Ok, this problem has some difficulties:

* We have investment_ids that can be present in train & test or only in train or only in test. 
* We can have some kind of measurement gaps where values are missing.
* Timeseries can have different lengths in total. 
* The time inverals can vary.



Before adding more and more content about feature engineering, I like to build a loop that will allow to add previous features.

In [None]:
train.head()

In [None]:
selection = None

In [None]:
selection = ["time_id", "investment_id"]
feature_names = train.drop(["row_id", "time_id", "investment_id", "target"], axis=1).columns.values
N = np.random.choice(np.arange(0, len(feature_names)), replace=False, size=100)
my_features = ["f_{}".format(n) for n in N]
selection.extend(my_features)

In [None]:
len(selection)

In [None]:
X = train[selection].copy()
Y = train.target
for f in my_features:
    X[f + "_shift1"] = X.groupby("investment_id")[f].shift(1).fillna(0)

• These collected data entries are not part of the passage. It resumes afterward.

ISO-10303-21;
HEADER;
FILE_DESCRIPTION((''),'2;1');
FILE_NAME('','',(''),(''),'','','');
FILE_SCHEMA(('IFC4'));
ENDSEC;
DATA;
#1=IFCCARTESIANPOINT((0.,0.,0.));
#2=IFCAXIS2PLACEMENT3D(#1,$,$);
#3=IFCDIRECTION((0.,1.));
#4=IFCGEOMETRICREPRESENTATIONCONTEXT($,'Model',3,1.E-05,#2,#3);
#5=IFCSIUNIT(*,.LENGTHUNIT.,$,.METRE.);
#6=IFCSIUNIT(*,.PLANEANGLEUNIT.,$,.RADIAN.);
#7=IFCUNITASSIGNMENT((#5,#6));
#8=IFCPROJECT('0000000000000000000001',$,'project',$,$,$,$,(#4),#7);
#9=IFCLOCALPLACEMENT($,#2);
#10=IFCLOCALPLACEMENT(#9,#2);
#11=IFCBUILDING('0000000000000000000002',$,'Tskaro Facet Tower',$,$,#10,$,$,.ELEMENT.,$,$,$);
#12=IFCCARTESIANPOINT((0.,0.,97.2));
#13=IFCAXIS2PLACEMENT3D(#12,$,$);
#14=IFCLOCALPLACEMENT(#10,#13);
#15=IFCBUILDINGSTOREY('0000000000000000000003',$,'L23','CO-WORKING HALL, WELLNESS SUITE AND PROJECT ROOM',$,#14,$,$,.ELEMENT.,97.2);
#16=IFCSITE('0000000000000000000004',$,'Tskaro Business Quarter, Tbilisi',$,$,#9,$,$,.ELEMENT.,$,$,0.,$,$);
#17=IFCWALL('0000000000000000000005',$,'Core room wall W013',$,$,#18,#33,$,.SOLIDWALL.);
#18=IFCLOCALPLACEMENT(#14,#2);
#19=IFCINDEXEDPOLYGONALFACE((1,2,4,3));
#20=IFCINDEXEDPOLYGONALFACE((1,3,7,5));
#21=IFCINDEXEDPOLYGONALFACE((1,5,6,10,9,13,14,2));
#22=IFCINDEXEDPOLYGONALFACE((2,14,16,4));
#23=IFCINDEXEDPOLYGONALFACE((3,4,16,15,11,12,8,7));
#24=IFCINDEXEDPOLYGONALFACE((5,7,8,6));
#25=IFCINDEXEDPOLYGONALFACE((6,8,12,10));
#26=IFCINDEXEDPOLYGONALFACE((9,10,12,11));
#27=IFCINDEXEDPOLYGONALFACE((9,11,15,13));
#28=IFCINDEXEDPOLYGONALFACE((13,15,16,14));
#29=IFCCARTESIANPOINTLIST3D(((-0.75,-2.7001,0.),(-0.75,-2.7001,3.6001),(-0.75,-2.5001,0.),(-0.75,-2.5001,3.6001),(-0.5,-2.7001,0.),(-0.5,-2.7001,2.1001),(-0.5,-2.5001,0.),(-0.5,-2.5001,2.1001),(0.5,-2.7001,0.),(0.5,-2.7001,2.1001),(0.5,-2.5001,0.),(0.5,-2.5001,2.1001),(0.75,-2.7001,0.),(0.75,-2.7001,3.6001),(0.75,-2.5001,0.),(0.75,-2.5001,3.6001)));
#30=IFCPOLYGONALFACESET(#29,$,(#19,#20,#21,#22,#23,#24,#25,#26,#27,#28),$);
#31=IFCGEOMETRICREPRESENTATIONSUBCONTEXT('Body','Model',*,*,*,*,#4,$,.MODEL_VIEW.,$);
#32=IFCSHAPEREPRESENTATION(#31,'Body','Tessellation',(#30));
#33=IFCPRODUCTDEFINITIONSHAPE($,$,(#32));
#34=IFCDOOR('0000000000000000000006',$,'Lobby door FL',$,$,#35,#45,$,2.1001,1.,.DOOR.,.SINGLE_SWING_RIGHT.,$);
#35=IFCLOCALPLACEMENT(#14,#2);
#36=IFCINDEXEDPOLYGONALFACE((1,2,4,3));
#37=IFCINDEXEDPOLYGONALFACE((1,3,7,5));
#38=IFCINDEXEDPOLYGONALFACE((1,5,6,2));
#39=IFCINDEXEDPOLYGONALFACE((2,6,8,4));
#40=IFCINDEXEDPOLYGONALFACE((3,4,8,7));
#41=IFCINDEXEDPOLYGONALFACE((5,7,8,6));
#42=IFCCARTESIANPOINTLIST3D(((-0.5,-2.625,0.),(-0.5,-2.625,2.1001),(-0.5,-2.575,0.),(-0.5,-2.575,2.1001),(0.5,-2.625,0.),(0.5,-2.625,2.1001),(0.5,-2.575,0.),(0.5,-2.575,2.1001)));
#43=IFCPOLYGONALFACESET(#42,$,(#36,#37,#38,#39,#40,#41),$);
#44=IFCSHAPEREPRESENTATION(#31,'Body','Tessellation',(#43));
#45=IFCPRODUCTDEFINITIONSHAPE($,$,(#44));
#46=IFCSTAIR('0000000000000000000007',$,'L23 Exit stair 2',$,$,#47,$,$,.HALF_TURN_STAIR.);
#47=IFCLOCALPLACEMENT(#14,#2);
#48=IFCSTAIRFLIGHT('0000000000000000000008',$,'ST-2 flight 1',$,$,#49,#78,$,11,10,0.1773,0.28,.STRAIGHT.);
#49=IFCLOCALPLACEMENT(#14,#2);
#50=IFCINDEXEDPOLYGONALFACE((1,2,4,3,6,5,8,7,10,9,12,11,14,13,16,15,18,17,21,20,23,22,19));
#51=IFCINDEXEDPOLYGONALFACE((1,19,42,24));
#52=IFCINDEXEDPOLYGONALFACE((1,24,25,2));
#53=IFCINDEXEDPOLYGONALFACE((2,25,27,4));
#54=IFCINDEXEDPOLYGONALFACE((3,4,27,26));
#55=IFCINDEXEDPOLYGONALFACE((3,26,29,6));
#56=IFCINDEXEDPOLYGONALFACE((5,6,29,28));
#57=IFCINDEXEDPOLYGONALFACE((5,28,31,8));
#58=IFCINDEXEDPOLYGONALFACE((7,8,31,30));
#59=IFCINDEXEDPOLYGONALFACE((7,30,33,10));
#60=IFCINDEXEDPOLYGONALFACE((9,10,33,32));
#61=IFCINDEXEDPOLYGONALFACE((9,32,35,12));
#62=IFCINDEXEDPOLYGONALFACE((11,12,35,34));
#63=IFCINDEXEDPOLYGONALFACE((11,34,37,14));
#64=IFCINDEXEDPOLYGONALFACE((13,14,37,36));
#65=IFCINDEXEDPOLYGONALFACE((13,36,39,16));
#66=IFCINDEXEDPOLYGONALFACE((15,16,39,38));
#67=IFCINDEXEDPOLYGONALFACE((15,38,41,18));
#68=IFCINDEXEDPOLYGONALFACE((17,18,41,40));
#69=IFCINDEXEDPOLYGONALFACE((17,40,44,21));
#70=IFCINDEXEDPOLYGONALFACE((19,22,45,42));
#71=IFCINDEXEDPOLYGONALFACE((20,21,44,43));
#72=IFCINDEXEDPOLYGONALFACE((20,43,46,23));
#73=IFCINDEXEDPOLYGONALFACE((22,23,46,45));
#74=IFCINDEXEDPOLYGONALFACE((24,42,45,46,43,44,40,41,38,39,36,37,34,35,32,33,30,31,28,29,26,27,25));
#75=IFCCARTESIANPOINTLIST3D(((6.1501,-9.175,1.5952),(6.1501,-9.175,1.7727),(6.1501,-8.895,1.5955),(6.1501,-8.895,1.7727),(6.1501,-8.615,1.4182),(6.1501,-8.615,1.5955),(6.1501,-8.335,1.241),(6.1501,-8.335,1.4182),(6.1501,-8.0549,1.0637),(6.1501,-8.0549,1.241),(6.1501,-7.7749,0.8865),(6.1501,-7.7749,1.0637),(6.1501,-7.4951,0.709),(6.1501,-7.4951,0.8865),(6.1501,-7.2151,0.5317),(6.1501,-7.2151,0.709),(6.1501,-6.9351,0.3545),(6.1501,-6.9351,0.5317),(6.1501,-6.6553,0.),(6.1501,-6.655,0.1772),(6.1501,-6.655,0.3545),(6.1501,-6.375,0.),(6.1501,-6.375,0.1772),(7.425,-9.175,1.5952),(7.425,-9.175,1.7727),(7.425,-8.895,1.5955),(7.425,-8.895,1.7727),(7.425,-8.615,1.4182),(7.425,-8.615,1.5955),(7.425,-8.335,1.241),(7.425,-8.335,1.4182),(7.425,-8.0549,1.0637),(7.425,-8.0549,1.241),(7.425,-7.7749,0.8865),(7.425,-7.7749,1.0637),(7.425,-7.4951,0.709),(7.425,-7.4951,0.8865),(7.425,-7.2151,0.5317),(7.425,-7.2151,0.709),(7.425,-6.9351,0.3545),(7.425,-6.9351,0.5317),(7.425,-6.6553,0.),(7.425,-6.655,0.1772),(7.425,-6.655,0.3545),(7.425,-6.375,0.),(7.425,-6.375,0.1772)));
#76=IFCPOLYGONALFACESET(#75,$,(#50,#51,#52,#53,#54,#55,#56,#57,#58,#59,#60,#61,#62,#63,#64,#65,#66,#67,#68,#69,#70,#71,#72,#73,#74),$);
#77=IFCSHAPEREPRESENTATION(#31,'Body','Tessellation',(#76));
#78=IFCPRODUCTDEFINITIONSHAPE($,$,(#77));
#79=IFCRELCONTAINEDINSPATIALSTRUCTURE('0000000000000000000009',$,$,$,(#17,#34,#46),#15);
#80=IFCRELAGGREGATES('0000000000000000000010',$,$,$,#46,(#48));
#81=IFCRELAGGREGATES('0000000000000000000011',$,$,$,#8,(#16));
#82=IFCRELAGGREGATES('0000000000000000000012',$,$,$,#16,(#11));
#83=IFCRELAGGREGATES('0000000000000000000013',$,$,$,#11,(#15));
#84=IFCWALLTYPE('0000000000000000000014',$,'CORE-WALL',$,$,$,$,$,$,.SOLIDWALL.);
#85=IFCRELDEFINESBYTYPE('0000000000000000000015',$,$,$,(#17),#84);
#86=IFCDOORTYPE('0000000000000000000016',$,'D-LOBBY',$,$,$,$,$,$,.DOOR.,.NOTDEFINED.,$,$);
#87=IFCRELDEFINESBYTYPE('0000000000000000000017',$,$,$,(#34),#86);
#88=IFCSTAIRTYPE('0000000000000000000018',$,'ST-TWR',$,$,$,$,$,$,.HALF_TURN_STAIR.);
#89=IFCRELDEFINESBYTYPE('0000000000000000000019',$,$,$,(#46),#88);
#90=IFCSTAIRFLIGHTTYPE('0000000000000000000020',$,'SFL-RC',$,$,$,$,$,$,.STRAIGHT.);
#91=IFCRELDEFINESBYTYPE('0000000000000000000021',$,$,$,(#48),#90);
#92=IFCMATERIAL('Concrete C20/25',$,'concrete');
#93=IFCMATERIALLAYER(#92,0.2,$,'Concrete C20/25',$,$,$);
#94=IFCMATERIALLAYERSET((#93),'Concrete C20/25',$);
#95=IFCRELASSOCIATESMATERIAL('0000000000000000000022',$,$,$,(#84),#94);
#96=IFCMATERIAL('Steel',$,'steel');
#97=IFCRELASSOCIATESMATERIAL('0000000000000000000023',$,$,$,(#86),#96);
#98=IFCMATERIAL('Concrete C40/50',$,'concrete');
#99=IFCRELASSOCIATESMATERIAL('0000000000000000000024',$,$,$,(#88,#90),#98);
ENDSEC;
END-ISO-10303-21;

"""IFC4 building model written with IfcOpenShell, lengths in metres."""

from ifc_helpers import new_model, si_unit, direction, frame, frame_2d, origin, place, context, subcontext, project, spatial, polyline, rectangle, outline, extrude, material, layer, layer_set, type_object, element, fill, aggregate, save


model = new_model("IFC4")

# Units and contexts
model_context = context("Model", 3, precision=1e-05, world=origin(), true_north=direction((0.0, 1.0)))
body_context = subcontext(model_context, "Body", "Model", "MODEL_VIEW")
ifc_project = project(units=[si_unit("LENGTHUNIT", "METRE"), si_unit("PLANEANGLEUNIT", "RADIAN")], contexts=[model_context])

# Site, building, storey
site_placement = place(None, origin())
site = spatial("IfcSite", under=ifc_project, at=site_placement, Name="Tskaro Business Quarter, Tbilisi", CompositionType="ELEMENT", RefElevation=0.0)
building_placement = place(site_placement, origin())
building = spatial("IfcBuilding", under=site, at=building_placement, Name="Tskaro Facet Tower", CompositionType="ELEMENT")
storey_placement = place(building_placement, frame((0.0, 0.0, 97.2)))
storey = spatial("IfcBuildingStorey", under=building, at=storey_placement, Name="L23", Description="CO-WORKING HALL, WELLNESS SUITE AND PROJECT ROOM", CompositionType="ELEMENT", Elevation=97.2)

# Shared definitions
ifc_material_1 = material(Name="Steel", Category="steel")

# Wall, opening, door
ifc_material_2 = material(Name="Concrete C20/25", Category="concrete")
ifc_layer_1 = layer(ifc_material_2, 0.2, Name="Concrete C20/25")
ifc_layer_set_1 = layer_set([ifc_layer_1], Name="Concrete C20/25")
wall_type_1 = type_object("IfcWallType", Name="CORE-WALL", PredefinedType="SOLIDWALL", material=ifc_layer_set_1)
wall_1_placement = place(storey_placement, frame((0.75, -2.6001, 0.0), z_axis=(0.0, 0.0, 1.0), x_axis=(-1.0, 0.0, 0.0)))
wall_1 = element("IfcWall", 1, at=wall_1_placement, inside=storey, type_object=wall_type_1, Name="Core room wall W013", PredefinedType="SOLIDWALL", context=body_context, shape_type="SweptSolid", body=[
    extrude(rectangle(XDim=1.5, YDim=0.2, at=frame_2d((0.75, 0.0))), origin(), (0.0, 0.0, 1.0), 3.6001),
])
opening_1_placement = place(wall_1_placement, frame((0.25, 0.0, 0.0)))
opening_1 = element("IfcOpeningElement", 2, at=opening_1_placement, cuts=wall_1, PredefinedType="OPENING", context=body_context, shape_type="SweptSolid", body=[
    extrude(rectangle(XDim=1.0, YDim=2.1001, at=frame_2d((0.5, 1.05))), frame((0.0, 0.1099, 0.0), z_axis=(0.0, -1.0, 0.0), x_axis=(1.0, 0.0, 0.0)), (0.0, 0.0, 1.0), 0.22),
])
door_type_1 = type_object("IfcDoorType", Name="D-LOBBY", OperationType="NOTDEFINED", PredefinedType="DOOR", material=ifc_material_1)
door_1_placement = place(opening_1_placement, origin())
door_1 = element("IfcDoor", 3, at=door_1_placement, inside=storey, type_object=door_type_1, Name="Lobby door FL", OperationType="SINGLE_SWING_RIGHT", OverallHeight=2.1001, OverallWidth=1.0, PredefinedType="DOOR", context=body_context, shape_type="SweptSolid", body=[
    extrude(rectangle(XDim=1.0, YDim=2.1001, at=frame_2d((0.5, 1.05))), frame((0.0, 0.0249, 0.0), z_axis=(0.0, -1.0, 0.0), x_axis=(1.0, 0.0, 0.0)), (0.0, 0.0, 1.0), 0.05),
])
fill(opening_1, door_1)

# Stair, stair flight
ifc_material_3 = material(Name="Concrete C40/50", Category="concrete")
stair_type = type_object("IfcStairType", Name="ST-TWR", PredefinedType="HALF_TURN_STAIR", material=ifc_material_3)
stair_placement = place(storey_placement, origin())
stair = element("IfcStair", 4, at=stair_placement, inside=storey, type_object=stair_type, Name="L23 Exit stair 2", PredefinedType="HALF_TURN_STAIR")
stair_flight_type = type_object("IfcStairFlightType", Name="SFL-RC", PredefinedType="STRAIGHT", material=ifc_material_3)
stair_flight_placement = place(storey_placement, frame((6.7876, -6.375, 0.0), z_axis=(0.0, 0.0, 1.0), x_axis=(0.0, -1.0, 0.0)))
stair_flight = element("IfcStairFlight", 5, at=stair_flight_placement, type_object=stair_flight_type, Name="ST-2 flight 1", NumberOfRisers=11, NumberOfTreads=10, PredefinedType="STRAIGHT", RiserHeight=0.1773, TreadLength=0.28, context=body_context, shape_type="SweptSolid", body=[
    extrude(outline(polyline([(0.0, 0.0), (0.0, 0.1772), (0.28, 0.1772), (0.28, 0.3545), (0.5601, 0.3545), (0.5601, 0.5317), (0.8401, 0.5317), (0.8401, 0.709), (1.1201, 0.709), (1.1201, 0.8865), (1.3999, 0.8865), (1.3999, 1.0637), (1.6799, 1.0637), (1.6799, 1.241), (1.96, 1.241), (1.96, 1.4182), (2.24, 1.4182), (2.24, 1.5955), (2.52, 1.5955), (2.52, 1.7727), (2.8, 1.7727), (2.8, 1.95), (2.8, 1.5952), (0.2803, 0.0), (0.0, 0.0)])), frame((0.0, 0.6375, 0.0), z_axis=(0.0, -1.0, 0.0), x_axis=(1.0, 0.0, 0.0)), (0.0, 0.0, 1.0), 1.2749),
])
aggregate(stair, [stair_flight])

save(model, "model.ifc")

    #X[f + "_diff"] = X[f] - X[f+"_shift1"]
    #X[f + "_diff"] = X[f+"_diff"].fillna(0)

In [None]:
X.shape

In [None]:
features = ["f_{}_shift1".format(n) for n in N]
features.extend(["f_{}".format(n) for n in N])
print(len(features))

In [None]:
V = 0.9
x_train, x_dev = X[0:int(V*X.shape[0])][features], X[int(V*X.shape[0])::][features]
y_train, y_dev = Y[0:int(V*X.shape[0])], Y[int(V*X.shape[0])::]

In [None]:
lm = Ridge()
lm.fit(x_train.values, y_train.values)
y_pred = lm.predict(x_dev)
pearsonr(y_dev, y_pred)

In [None]:
import ubiquant
env = ubiquant.make_env()   # initialize the environment
iter_test = env.iter_test()    # an iterator which loops over the test set and sample submission

previous_test_df = train[train.time_id == train.time_id.max()].iloc[0:int(V*train.shape[0])]
for (test_df, sample_prediction_df) in iter_test:
    
    for f in my_features:
        test_df.loc[:, f+"_shift1"] = 0
        already_known = previous_test_df[previous_test_df.investment_id.isin(test_df.investment_id)]
        test_df.loc[test_df.investment_id.isin(already_known.investment_id), f+"_shift1"] = already_known[f]
        test_df.loc[:, f+"_shift1"] = test_df.loc[:, f+"_shift1"].fillna(0)
        
        #test_df.loc[:, f+"_diff"] = test_df[f] - test_df[f+"_shift1"]
        #test_df.loc[:, f+"_diff"] = test_df.loc[:, f+"_diff"].fillna(0)
    
    pred = lm.predict(test_df[features])
    sample_prediction_df['target'] = pred  # make your predictions here
    env.predict(sample_prediction_df)   # register your predictions
    previous_test_df = test_df.copy()

The loop seems to work. Next topic - automatic feature generation and a few more experiments on the feature per time_id distributions.